Fig. 5 — Predicted secondary structure of the synthetic non-SELEX oligoaptamers. T residues in 23- and 30-mer that are exposed are marked red.

Comparison of the Binding Affinity (K_D) of Different Length Oligoaptamers to LPS

Using surface plasmon resonance analysis, the binding affinity of the nine oligonucleotides to lipid A was measured and compared. Figure 6a shows a series of sensorgrams obtained by injecting 0.4 µM of each oligoaptamer into an HPA flow cell immobilized with lipid A. The corresponding binding affinities are presented in figure 6b. The kinetic constant (K_D) was calculated from the sensorgrams by fitting with a 1:1 Langmuir binding model. This real-time biointeraction analysis revealed increasing affinity with increasing length of the oligoaptamers ranging from 10^–6 to 10^–9 M, except for the 23-mer, which exerted higher than expected affinity (10^–8 M) compared to its 30- and 39-mer counterparts. Consistent with earlier finding that the 23-mer has a higher endotoxin neutralization effect (PyroGene rFC assay) against lipid A and ReLPS, the real-time biointeraction analysis here shows that the 23-mer has a lower K_D value (higher affinity) for lipid A than those of the 30- and 39-mers. Nevertheless, it must be noted that on one hand, the SELEX procedure has apparently resulted in the selection of the M7-2 and M7-5 with gain-of-affinity for LPS when compared to the mixed pool of ssDNAs in the original aptamer library (‘apt lib’, fig. 6), thus indicating that indeed the T-rich loop of the selected aptamers contributes to the LPS binding.

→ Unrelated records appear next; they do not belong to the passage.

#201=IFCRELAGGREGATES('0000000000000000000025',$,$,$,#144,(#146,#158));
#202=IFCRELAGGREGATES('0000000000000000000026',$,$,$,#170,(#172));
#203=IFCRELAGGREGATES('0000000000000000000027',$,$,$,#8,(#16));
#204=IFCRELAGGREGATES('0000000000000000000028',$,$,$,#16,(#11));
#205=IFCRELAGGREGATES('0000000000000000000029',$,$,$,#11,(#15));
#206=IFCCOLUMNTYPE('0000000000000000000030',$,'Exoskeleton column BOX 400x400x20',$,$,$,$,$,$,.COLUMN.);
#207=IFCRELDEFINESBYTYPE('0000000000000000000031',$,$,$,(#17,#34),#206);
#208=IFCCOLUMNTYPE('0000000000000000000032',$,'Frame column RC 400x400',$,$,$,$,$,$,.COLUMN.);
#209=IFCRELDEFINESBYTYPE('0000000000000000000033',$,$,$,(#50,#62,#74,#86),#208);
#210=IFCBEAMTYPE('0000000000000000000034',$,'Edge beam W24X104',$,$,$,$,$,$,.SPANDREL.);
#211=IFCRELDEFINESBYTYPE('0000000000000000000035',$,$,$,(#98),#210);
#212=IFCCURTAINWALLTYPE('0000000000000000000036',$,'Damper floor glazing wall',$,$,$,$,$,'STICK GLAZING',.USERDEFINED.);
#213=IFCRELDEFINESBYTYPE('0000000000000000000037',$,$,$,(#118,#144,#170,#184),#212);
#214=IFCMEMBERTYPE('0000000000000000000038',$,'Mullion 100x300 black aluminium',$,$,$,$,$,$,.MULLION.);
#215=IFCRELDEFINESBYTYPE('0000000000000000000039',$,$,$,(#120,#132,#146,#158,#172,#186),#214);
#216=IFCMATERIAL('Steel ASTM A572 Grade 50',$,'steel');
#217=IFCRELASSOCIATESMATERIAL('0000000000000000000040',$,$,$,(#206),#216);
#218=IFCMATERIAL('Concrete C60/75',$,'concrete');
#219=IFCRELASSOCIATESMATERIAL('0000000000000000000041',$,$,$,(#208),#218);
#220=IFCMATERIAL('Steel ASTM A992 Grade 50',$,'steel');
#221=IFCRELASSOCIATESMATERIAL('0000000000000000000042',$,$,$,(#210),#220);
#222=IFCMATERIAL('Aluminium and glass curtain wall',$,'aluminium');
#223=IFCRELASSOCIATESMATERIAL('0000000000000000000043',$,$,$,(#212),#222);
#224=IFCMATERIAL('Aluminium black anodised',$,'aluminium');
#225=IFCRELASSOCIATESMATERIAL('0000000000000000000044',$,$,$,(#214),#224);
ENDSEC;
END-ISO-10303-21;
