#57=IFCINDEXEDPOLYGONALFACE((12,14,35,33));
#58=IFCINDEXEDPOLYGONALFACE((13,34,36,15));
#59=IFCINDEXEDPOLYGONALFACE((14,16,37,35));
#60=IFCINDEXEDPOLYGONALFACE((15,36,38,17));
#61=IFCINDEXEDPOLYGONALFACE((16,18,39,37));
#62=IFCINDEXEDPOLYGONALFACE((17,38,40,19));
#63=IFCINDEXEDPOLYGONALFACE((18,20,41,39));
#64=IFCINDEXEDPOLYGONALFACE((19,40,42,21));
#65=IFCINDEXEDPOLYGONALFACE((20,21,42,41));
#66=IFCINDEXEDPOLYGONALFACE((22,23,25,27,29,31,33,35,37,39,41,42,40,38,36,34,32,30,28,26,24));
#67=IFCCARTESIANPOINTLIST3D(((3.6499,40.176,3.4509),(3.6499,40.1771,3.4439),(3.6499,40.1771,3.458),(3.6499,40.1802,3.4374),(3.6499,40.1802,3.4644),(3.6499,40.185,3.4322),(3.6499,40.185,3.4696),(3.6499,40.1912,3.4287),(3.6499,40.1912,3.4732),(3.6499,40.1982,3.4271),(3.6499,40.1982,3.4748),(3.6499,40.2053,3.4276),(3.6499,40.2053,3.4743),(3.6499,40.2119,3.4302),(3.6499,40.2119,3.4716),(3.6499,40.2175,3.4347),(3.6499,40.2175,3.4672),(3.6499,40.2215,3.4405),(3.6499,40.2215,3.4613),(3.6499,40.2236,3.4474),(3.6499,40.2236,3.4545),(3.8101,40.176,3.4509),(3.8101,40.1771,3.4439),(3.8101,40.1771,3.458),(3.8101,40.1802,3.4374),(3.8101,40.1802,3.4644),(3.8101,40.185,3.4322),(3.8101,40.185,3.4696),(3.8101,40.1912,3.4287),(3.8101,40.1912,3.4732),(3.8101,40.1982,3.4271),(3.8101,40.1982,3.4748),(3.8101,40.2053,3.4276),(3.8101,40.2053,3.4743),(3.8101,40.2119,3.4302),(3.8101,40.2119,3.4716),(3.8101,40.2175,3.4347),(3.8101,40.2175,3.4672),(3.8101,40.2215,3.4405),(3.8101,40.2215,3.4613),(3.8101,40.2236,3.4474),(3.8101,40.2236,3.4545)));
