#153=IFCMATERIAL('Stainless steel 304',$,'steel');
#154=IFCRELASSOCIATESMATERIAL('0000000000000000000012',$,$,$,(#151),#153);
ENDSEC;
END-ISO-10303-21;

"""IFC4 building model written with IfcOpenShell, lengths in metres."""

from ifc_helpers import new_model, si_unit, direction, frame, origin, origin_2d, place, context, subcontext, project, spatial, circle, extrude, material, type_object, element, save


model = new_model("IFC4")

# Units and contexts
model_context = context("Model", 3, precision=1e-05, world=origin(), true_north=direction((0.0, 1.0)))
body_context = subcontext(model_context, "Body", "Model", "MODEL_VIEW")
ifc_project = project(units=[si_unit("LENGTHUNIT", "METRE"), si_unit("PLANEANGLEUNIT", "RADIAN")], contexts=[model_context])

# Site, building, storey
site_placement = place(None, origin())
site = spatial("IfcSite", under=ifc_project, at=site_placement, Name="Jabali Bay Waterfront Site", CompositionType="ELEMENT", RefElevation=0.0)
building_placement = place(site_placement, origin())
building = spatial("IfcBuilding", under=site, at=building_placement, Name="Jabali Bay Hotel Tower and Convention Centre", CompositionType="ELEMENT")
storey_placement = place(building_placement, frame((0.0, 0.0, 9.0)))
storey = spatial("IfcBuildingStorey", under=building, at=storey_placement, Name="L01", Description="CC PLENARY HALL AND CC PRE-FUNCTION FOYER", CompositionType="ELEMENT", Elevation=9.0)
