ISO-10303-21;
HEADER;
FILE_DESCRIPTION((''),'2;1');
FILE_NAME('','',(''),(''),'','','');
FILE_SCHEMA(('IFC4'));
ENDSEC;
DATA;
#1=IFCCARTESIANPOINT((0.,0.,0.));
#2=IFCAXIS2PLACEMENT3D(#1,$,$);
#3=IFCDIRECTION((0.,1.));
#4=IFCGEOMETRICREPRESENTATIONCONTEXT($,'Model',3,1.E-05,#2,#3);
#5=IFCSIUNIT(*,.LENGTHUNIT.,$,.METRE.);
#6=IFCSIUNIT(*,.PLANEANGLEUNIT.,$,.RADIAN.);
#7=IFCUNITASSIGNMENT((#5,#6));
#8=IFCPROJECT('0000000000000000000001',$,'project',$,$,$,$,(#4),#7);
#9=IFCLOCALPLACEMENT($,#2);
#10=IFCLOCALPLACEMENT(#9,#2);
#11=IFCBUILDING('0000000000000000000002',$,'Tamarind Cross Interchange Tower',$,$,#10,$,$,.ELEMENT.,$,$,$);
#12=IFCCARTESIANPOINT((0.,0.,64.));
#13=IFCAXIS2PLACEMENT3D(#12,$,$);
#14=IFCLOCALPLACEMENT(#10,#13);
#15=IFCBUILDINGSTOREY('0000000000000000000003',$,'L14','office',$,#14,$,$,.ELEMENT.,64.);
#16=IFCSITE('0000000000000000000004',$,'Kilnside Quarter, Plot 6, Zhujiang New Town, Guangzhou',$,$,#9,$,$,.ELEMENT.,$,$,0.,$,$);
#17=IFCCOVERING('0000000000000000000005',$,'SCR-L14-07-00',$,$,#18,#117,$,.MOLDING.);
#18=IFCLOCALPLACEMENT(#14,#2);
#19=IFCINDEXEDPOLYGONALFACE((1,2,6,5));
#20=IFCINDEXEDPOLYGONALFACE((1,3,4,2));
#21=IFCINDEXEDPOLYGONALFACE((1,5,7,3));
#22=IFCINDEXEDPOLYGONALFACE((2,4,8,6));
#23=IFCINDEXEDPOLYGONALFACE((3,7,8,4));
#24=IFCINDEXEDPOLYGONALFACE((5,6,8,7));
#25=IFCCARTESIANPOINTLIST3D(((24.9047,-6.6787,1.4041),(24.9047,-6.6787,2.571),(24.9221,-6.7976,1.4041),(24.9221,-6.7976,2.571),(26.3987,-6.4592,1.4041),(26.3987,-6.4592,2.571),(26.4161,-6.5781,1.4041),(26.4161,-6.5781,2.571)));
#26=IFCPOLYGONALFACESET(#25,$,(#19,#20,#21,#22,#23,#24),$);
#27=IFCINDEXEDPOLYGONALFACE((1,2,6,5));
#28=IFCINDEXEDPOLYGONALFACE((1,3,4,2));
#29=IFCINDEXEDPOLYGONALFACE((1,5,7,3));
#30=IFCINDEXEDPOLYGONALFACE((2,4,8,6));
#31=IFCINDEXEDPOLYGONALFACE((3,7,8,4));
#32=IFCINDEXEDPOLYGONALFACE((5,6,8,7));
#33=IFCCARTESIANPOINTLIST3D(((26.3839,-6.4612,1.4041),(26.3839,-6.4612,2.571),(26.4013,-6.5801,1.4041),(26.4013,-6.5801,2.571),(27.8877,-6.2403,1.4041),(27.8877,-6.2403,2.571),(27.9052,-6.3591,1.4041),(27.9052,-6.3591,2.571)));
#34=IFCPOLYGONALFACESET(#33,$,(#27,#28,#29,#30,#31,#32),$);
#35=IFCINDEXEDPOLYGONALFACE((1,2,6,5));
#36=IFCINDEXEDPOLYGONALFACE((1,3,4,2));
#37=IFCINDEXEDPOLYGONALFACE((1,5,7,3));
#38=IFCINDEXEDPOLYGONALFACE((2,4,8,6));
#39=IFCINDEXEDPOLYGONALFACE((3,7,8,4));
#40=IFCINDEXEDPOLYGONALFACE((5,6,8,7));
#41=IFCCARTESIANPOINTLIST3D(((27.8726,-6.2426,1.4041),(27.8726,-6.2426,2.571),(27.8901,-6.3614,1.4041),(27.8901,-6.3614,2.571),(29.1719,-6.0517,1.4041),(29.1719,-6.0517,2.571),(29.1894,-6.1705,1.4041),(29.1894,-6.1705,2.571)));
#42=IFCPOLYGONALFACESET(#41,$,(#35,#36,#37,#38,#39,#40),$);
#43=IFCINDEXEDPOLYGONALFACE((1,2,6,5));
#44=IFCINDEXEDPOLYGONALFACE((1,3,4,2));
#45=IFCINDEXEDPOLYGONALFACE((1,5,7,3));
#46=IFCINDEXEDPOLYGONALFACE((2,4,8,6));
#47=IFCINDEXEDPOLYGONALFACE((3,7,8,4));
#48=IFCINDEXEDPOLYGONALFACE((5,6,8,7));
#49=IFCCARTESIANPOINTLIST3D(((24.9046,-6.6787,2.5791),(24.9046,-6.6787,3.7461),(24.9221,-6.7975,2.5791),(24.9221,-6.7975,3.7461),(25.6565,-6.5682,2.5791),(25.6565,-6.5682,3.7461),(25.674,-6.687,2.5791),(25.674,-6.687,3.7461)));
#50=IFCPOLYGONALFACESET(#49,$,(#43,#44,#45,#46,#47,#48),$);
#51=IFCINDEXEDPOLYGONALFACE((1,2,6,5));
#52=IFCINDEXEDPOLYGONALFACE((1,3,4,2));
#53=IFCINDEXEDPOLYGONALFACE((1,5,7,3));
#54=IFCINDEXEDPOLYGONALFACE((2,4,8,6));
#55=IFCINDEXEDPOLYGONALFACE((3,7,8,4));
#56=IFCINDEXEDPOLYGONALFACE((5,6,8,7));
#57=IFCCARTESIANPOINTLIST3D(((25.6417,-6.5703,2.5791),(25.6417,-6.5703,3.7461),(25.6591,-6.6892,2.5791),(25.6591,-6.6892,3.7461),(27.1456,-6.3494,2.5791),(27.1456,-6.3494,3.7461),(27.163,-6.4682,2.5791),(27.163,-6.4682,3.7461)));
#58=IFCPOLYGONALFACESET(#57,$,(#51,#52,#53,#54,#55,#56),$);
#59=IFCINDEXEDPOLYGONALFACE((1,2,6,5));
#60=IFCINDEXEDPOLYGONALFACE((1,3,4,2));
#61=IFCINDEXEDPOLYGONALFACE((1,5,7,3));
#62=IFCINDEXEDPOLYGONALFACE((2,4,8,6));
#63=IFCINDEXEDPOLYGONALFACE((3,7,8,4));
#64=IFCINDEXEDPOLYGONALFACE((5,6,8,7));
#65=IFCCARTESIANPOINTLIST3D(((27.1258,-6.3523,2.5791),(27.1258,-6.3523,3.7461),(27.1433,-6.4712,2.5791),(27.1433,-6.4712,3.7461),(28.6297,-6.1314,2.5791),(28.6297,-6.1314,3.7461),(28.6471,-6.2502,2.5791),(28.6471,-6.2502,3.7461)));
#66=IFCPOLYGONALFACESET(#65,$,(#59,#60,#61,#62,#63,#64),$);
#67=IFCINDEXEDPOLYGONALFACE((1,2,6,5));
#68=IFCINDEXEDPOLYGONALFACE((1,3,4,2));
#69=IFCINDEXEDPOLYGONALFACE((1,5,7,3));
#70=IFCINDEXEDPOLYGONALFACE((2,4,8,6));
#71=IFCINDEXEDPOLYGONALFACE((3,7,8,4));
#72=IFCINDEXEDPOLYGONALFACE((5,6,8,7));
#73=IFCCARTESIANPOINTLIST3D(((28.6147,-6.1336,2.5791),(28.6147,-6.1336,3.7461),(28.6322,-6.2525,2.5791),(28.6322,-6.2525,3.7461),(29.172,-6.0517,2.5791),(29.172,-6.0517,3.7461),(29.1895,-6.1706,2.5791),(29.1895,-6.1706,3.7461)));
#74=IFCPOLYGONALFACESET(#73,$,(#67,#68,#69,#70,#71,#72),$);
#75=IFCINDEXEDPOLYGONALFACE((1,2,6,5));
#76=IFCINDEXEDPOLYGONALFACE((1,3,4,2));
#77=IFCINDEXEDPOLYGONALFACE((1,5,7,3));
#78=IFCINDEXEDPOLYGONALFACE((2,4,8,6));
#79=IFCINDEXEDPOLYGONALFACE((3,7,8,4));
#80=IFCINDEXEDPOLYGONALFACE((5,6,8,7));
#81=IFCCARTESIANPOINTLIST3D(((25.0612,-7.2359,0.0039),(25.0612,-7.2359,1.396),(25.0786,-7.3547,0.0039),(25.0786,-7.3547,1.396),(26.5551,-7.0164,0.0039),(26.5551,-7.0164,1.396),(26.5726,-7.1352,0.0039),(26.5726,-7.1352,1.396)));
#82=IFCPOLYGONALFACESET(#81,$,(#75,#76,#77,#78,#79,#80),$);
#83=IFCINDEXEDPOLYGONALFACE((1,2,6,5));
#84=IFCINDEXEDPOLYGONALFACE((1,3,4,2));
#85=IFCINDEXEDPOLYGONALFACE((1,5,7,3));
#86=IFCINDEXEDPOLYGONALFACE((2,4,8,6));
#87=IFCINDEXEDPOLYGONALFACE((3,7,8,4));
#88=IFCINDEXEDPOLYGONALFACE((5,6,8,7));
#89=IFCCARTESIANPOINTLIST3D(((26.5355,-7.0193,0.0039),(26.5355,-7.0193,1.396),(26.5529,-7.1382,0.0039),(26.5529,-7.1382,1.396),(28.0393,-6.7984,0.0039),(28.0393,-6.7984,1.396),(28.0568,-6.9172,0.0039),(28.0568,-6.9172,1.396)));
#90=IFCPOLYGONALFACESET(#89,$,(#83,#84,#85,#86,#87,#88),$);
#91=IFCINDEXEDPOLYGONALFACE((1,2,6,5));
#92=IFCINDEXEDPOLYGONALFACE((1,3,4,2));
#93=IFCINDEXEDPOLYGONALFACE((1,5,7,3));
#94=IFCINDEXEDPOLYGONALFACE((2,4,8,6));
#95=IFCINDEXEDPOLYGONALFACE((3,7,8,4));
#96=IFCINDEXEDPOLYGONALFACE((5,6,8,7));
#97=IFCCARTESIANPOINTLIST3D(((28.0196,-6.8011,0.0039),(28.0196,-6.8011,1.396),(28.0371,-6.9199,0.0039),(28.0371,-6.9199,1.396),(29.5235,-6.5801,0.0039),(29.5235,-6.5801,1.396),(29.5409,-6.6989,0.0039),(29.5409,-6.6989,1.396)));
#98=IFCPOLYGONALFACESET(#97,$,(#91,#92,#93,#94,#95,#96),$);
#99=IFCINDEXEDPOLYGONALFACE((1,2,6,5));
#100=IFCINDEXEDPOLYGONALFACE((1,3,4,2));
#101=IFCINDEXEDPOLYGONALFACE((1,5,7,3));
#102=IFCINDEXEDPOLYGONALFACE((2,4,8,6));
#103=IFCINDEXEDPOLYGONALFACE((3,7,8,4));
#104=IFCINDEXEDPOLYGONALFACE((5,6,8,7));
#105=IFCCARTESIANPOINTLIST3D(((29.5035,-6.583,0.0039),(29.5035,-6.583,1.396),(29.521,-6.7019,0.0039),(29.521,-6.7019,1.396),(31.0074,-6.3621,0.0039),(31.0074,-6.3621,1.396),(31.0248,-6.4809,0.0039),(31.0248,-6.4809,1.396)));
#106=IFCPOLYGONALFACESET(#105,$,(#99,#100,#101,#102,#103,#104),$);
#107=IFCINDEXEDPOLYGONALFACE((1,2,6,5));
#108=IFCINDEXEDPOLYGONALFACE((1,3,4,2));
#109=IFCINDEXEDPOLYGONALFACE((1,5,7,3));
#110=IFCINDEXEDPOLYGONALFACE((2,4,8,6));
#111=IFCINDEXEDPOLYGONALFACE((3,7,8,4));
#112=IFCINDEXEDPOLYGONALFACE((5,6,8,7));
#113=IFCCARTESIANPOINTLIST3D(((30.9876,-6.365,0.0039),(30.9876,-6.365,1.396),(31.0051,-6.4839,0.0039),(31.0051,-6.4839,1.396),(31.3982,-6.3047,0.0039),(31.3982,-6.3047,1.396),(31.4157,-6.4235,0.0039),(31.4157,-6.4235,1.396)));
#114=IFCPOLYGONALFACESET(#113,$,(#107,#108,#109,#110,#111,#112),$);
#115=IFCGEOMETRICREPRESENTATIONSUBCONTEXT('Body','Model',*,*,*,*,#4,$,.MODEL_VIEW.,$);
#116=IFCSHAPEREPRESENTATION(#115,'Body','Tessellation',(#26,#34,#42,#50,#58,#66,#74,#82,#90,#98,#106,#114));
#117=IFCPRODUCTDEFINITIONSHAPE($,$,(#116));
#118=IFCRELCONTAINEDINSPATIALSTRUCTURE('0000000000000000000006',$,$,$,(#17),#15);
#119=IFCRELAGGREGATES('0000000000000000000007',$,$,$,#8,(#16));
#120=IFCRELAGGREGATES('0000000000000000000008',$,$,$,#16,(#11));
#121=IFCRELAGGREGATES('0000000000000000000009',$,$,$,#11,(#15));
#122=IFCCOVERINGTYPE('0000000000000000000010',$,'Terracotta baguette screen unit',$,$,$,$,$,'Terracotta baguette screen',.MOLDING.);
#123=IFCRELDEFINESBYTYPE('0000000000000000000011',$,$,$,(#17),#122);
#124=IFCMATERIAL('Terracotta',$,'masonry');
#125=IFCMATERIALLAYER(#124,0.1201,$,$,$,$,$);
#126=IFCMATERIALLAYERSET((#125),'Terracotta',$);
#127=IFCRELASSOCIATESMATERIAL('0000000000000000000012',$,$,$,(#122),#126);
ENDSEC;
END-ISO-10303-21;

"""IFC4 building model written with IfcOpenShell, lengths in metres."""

from ifc_helpers import new_model, si_unit, direction, frame, origin, origin_2d, place, context, subcontext, project, spatial, rectangle, extrude, material, layer, layer_set, type_object, element, save


model = new_model("IFC4")

# Units and contexts
model_context = context("Model", 3, precision=1e-05, world=origin(), true_north=direction((0.0, 1.0)))
body_context = subcontext(model_context, "Body", "Model", "MODEL_VIEW")
ifc_project = project(units=[si_unit("LENGTHUNIT", "METRE"), si_unit("PLANEANGLEUNIT", "RADIAN")], contexts=[model_context])

# Site, building, storey
site_placement = place(None, origin())
site = spatial("IfcSite", under=ifc_project, at=site_placement, Name="Kilnside Quarter, Plot 6, Zhujiang New Town, Guangzhou", CompositionType="ELEMENT", RefElevation=0.0)
building_placement = place(site_placement, origin())
building = spatial("IfcBuilding", under=site, at=building_placement, Name="Tamarind Cross Interchange Tower", CompositionType="ELEMENT")
storey_placement = place(building_placement, frame((0.0, 0.0, 64.0)))
storey = spatial("IfcBuildingStorey", under=building, at=storey_placement, Name="L14", Description="office", CompositionType="ELEMENT", Elevation=64.0)

# Covering
ifc_material_1 = material(Name="Terracotta", Category="masonry")
ifc_layer_1 = layer(ifc_material_1, 0.1201)
ifc_layer_set_1 = layer_set([ifc_layer_1], Name="Terracotta")
covering_type = type_object("IfcCoveringType", Name="Terracotta baguette screen unit", ElementType="Terracotta baguette screen", PredefinedType="MOLDING", material=ifc_layer_set_1)
covering_1_placement = place(storey_placement, origin())
element("IfcCovering", 1, at=covering_1_placement, inside=storey, type_object=covering_type, Name="SCR-L14-07-00", PredefinedType="MOLDING", context=body_context, shape_type="SweptSolid", body=[
    extrude(rectangle(XDim=1.51, YDim=0.1201, at=origin_2d()), frame((25.6604, -6.6284, 1.4041), z_axis=(0.0, 0.0, 1.0), x_axis=(0.989378, 0.145365, 0.0)), (0.0, 0.0, 1.0), 1.167),
    extrude(rectangle(XDim=1.52, YDim=0.1201, at=origin_2d()), frame((27.1445, -6.4102, 1.4041), z_axis=(0.0, 0.0, 1.0), x_axis=(0.989378, 0.145365, 0.0)), (0.0, 0.0, 1.0), 1.167),
    extrude(rectangle(XDim=1.3132, YDim=0.1201, at=origin_2d()), frame((28.531, -6.2065, 1.4041), z_axis=(0.0, 0.0, 1.0), x_axis=(0.989378, 0.145365, 0.0)), (0.0, 0.0, 1.0), 1.167),
    extrude(rectangle(XDim=0.76, YDim=0.1201, at=origin_2d()), frame((25.2893, -6.6829, 2.5791), z_axis=(0.0, 0.0, 1.0), x_axis=(0.989378, 0.145365, 0.0)), (0.0, 0.0, 1.0), 1.167),
    extrude(rectangle(XDim=1.52, YDim=0.1201, at=origin_2d()), frame((26.4023, -6.5193, 2.5791), z_axis=(0.0, 0.0, 1.0), x_axis=(0.989378, 0.145365, 0.0)), (0.0, 0.0, 1.0), 1.167),
    extrude(rectangle(XDim=1.52, YDim=0.1201, at=origin_2d()), frame((27.8865, -6.3013, 2.5791), z_axis=(0.0, 0.0, 1.0), x_axis=(0.989378, 0.145365, 0.0)), (0.0, 0.0, 1.0), 1.167),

Yet, a dichotomy is observed with the 93-mer Poly-C sequence which shares equally high anti-LPS efficacy even though without T residue, suggesting that on balance, the length rather than the sequence composition of the oligoaptamer is the predominant determinant of LPS binding and neutralization.

Fig. 6. a — Sensorgrams depicting the real-time interaction between oligoaptamers of different lengths towards lipid A immobilized on a Biacore HPA chip. 60 µl aliquots of each of the nine oligoaptamers as well as aptamer library (‘apt lib’) at a series of different concentrations, ranging from 1, 0.4, 0.16 to 0.064 µM, were injected into the HPA chip at a flow rate of 30 µl/min with 100 mM Hepes, pH 9.0, containing 100 mM NaCl, 10 mM MgCl₂ and 1.5% glycerol as the running buffer. During the dissociation phase, the running buffer was introduced for 120 s. For clarity, only sensorgrams of 0.4 µM of oligoaptamers are shown here. b The kinetic constant (K_D values) of the oligoaptamers indicate the affinity of interaction between the oligoaptamers (of 18–93-mer) and lipid A, which was calculated using BIAevaluation software with a 1:1 Langmuir binding model.

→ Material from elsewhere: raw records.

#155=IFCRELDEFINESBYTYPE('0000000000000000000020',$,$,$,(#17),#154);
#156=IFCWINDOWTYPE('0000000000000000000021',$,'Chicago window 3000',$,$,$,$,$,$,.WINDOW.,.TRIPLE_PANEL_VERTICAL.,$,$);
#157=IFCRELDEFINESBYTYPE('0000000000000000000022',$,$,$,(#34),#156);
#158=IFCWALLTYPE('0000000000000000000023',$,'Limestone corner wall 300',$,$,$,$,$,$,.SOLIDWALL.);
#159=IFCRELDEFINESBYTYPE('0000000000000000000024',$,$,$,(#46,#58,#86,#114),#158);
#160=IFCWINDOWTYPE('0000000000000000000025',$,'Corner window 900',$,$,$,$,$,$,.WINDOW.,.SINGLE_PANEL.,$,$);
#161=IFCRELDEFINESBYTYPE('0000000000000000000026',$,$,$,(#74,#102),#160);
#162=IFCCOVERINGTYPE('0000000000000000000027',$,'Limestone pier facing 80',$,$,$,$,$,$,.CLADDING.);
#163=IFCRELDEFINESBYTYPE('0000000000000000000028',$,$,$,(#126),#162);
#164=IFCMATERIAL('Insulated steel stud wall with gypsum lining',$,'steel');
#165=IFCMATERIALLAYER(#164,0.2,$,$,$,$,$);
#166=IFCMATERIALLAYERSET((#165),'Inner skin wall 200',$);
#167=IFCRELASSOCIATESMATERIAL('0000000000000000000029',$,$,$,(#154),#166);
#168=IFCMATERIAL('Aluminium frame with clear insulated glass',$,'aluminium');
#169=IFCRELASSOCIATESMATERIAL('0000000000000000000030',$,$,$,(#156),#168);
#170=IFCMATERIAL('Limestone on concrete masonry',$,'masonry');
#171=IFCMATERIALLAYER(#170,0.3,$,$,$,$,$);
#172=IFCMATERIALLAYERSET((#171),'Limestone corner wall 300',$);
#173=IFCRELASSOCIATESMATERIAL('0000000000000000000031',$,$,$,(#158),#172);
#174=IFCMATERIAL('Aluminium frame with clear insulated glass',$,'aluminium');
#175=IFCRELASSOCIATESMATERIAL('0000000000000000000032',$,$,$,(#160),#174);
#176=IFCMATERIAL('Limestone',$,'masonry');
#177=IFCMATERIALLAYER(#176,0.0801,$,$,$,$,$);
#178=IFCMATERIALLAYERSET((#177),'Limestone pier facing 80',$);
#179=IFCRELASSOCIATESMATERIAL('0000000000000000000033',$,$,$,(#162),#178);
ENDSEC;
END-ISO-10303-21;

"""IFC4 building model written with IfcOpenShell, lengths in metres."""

Aptamers Exhibit Minimal Cytotoxicity and Inhibit LPS-Induced TNF-α Secretion Regardless of Their Lengths

The 18-mer, 23-mer and both 93-mers (M7-2 and Poly-C) were tested for their ability to inhibit LPS-induced TNF-α release from THP-1 cells. Irrespective of their lengths, all four oligoaptamers elicited up to ˜40% inhibition of LPS-induced TNF-α production, probably through the binding and neutralization of the LPS. All the aptamers tested over the wide range of concentrations showed negligible cytotoxicity and have no effect on the cell viability (fig. 7).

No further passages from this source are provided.